This video explains how to find partial derivatives for multivariable functions. It covers basic partial derivatives, exponential functions, natural logarithm functions, and trigonometric functions. Furthermore, it details how to find higher-order partial derivatives and the conditions under which mixed partial derivatives are equal.

Highlights

Introduction to Partial Derivatives
00:00:01

The video introduces partial derivatives, explaining that for a function with multiple variables (e.g., X and Y), to find the partial derivative with respect to one variable (e.g., X), all other variables (e.g., Y) are treated as constants. The power rule for derivatives is reviewed.

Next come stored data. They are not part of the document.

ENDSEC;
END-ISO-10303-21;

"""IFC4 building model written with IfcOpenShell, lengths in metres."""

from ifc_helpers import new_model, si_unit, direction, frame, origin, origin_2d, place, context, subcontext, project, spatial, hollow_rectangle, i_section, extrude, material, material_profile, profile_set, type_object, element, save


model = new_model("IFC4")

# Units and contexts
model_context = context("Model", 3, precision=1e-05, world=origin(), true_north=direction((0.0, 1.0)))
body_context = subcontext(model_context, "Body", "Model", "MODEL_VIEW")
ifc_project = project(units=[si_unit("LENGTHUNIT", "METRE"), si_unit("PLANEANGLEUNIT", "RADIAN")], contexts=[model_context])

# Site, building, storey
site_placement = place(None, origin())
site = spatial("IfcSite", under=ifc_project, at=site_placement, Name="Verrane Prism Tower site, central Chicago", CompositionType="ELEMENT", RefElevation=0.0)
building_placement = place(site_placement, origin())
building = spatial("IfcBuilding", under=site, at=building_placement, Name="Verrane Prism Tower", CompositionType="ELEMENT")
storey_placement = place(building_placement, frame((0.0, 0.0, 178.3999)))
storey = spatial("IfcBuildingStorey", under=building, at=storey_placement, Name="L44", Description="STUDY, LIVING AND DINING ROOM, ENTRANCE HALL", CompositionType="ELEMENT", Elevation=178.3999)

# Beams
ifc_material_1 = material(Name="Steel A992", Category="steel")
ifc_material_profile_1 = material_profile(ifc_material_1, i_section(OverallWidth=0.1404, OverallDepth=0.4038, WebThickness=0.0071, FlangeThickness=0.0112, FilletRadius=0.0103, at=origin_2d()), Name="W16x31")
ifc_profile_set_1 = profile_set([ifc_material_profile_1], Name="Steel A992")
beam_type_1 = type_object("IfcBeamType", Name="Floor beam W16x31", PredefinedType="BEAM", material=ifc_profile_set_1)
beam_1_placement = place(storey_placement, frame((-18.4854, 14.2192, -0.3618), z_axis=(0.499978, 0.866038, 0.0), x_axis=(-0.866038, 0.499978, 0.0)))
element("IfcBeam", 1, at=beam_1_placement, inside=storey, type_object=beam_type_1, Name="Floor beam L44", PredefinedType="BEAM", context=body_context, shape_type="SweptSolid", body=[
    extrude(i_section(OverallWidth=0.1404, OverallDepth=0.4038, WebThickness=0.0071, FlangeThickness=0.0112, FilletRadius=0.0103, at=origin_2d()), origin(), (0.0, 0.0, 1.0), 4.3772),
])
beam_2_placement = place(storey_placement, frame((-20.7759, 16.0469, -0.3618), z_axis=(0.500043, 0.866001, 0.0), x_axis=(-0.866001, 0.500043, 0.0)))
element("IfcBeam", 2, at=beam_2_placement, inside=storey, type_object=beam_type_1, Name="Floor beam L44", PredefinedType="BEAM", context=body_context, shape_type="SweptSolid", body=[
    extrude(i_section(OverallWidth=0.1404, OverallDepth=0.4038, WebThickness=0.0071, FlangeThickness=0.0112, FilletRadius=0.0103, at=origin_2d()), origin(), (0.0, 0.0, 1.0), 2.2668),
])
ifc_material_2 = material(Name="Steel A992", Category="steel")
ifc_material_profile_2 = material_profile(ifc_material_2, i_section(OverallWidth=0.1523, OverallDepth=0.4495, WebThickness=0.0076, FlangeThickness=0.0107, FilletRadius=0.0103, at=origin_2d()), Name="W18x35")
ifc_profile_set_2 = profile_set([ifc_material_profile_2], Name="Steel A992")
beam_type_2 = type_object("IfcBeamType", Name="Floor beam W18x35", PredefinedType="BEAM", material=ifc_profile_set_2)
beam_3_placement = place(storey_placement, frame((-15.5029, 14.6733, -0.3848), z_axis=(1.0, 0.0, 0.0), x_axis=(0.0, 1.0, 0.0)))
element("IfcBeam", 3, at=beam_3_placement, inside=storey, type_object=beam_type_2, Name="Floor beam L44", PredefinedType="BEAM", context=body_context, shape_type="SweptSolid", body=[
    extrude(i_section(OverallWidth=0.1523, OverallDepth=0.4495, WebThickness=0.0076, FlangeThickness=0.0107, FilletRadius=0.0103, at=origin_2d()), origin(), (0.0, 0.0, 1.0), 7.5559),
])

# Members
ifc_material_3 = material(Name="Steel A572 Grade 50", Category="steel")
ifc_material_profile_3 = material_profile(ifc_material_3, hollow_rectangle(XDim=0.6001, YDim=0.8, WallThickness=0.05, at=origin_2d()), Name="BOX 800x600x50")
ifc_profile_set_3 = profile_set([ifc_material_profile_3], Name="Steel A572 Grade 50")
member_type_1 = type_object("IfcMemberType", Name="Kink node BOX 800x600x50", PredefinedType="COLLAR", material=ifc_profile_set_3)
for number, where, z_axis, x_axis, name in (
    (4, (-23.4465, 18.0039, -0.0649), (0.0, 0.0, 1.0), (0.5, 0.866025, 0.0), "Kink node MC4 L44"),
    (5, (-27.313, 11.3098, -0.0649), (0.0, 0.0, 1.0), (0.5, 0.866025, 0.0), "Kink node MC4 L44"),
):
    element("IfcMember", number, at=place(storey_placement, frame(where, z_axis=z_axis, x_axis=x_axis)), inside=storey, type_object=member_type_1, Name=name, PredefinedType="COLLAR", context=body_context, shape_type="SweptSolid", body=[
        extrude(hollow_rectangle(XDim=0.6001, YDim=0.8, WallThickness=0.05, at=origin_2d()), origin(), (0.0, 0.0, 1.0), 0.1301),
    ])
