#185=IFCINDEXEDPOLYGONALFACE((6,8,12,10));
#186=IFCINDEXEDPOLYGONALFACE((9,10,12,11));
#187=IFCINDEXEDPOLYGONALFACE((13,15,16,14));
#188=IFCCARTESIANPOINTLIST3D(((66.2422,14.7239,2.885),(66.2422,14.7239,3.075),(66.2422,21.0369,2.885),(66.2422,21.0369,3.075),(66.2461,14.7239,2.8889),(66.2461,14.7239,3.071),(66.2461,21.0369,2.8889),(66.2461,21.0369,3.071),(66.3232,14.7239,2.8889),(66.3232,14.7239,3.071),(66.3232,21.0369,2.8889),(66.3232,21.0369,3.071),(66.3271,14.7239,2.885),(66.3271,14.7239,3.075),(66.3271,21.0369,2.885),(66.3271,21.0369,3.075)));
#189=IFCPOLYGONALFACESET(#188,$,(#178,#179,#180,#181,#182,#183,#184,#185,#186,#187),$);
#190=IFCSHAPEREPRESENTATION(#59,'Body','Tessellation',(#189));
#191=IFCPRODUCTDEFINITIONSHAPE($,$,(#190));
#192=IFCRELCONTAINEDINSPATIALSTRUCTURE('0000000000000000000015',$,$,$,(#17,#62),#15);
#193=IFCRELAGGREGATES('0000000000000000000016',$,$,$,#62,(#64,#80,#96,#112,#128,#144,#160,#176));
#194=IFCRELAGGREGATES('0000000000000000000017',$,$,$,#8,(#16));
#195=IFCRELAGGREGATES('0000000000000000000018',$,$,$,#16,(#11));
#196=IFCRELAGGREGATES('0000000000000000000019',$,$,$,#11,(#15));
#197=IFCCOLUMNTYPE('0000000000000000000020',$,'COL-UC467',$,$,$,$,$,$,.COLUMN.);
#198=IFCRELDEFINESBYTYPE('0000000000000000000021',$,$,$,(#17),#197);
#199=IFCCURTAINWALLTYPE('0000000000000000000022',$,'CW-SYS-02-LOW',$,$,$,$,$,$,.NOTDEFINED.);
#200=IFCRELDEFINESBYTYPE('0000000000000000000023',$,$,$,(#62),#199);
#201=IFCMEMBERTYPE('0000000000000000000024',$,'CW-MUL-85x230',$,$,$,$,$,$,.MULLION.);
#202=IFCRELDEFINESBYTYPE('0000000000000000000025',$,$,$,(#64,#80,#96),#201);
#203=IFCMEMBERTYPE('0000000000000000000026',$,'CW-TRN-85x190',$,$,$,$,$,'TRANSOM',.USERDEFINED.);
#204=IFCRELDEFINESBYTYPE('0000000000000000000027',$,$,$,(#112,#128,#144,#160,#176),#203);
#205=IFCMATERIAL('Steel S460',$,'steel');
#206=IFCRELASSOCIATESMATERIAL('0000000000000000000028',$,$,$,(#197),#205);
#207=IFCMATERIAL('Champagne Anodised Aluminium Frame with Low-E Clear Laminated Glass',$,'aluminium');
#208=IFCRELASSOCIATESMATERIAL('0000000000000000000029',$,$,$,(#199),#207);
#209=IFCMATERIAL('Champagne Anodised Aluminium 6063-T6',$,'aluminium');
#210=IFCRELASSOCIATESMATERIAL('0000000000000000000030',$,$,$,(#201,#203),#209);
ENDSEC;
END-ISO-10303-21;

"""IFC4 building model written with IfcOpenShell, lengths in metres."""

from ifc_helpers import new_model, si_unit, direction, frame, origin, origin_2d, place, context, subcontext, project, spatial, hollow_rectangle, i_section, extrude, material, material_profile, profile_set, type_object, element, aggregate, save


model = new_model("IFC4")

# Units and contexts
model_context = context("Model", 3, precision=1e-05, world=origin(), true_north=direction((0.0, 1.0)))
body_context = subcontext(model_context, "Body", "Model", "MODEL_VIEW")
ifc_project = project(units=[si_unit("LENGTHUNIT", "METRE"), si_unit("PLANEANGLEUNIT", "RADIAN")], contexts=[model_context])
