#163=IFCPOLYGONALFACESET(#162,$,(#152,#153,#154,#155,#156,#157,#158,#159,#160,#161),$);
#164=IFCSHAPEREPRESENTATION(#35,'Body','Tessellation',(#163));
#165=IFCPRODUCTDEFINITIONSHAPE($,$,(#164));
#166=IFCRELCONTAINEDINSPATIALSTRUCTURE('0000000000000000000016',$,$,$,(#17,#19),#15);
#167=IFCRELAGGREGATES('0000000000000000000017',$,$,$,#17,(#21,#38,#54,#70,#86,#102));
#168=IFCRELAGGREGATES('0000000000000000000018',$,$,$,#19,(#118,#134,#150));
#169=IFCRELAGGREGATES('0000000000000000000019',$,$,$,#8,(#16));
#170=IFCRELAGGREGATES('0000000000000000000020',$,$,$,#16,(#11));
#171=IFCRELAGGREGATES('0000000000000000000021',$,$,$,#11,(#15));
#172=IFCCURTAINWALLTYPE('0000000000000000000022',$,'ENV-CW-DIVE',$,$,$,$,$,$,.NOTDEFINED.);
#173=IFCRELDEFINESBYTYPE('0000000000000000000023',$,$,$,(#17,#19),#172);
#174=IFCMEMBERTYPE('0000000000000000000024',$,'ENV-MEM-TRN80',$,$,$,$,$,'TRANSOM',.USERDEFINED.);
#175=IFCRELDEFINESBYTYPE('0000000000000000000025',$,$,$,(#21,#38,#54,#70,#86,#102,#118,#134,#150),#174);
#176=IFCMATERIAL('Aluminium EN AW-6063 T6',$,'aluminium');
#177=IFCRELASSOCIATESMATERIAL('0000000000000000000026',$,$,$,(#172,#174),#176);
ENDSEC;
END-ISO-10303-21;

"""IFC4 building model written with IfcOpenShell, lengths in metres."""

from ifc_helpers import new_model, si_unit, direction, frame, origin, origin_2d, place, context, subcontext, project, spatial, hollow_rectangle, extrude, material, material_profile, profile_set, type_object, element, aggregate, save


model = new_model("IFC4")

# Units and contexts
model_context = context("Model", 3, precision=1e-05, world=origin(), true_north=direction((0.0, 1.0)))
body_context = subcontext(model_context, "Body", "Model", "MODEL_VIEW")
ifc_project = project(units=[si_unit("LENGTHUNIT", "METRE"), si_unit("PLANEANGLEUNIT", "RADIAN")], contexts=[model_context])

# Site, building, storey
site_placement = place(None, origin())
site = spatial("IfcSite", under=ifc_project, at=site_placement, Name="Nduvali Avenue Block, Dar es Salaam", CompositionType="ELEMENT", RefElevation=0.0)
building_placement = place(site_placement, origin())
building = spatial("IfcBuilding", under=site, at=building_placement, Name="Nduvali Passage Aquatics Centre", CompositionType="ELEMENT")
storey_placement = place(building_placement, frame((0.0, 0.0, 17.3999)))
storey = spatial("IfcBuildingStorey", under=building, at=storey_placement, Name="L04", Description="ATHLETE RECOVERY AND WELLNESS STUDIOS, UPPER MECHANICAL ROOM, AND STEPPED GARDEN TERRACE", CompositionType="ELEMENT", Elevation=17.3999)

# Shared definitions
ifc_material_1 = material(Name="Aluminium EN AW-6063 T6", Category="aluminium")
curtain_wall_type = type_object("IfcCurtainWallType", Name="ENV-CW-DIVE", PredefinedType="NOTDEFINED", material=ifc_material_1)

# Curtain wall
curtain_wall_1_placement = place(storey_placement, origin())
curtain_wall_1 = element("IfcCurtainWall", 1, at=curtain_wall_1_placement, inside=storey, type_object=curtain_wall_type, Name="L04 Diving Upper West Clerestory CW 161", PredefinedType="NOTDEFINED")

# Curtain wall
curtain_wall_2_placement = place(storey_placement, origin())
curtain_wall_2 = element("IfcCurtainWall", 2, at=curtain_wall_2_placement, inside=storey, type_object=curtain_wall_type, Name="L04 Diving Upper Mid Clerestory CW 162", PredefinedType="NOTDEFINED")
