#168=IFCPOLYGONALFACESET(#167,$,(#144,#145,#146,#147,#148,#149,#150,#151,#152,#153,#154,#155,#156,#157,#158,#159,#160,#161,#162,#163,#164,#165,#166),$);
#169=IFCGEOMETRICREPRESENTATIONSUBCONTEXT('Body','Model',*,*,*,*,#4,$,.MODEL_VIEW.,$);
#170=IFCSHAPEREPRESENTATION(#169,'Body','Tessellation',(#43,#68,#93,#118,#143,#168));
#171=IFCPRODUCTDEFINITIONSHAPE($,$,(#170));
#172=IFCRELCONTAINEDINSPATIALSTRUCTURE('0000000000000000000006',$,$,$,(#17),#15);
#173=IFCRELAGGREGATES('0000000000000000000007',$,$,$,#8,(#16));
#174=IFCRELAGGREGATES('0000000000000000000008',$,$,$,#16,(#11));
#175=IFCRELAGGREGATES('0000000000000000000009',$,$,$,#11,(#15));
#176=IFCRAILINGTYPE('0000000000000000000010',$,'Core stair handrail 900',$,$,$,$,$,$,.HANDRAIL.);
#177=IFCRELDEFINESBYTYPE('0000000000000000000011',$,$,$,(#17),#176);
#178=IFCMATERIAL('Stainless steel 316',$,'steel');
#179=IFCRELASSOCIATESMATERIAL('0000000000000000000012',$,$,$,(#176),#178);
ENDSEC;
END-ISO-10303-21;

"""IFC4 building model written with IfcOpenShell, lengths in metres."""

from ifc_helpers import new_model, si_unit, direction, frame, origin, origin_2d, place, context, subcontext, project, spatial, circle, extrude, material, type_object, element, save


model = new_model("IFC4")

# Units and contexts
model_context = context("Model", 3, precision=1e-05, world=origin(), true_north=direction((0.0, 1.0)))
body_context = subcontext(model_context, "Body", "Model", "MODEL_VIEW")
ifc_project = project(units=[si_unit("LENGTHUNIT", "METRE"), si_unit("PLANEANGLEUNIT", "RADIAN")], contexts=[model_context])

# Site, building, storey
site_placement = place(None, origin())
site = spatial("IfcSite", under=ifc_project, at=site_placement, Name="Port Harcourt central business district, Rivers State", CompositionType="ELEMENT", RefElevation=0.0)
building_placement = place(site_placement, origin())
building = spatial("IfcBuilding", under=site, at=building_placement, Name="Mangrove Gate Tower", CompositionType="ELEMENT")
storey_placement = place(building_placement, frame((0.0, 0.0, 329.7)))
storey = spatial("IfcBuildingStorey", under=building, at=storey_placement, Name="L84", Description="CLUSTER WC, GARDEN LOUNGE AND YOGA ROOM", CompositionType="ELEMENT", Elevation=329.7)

Example 1: Polynomial Function
00:01:36

The first example demonstrates finding the partial derivative of a polynomial function (7x^2 - x^3 y^4 + 5x^4 y^3) with respect to X and then with respect to Y. The process highlights treating the non-differentiated variable as a constant.

Example 2: Another Polynomial Function
00:03:16

Another polynomial example (3x^2 y^4 - 5x^7 + 4y^8) is solved for partial derivatives with respect to X and Y, reinforcing the concept of treating other variables as constants, even leading to terms becoming zero if they don't contain the differentiation variable.

Example 3: Exponential Function
00:05:06

The video moves on to an exponential function (e^(x^2 * y^3)). A review of the derivative rule for e^u (e^u * u') is provided. The partial derivatives with respect to X and Y are then calculated, showing how to differentiate the exponent while treating other variables as constants.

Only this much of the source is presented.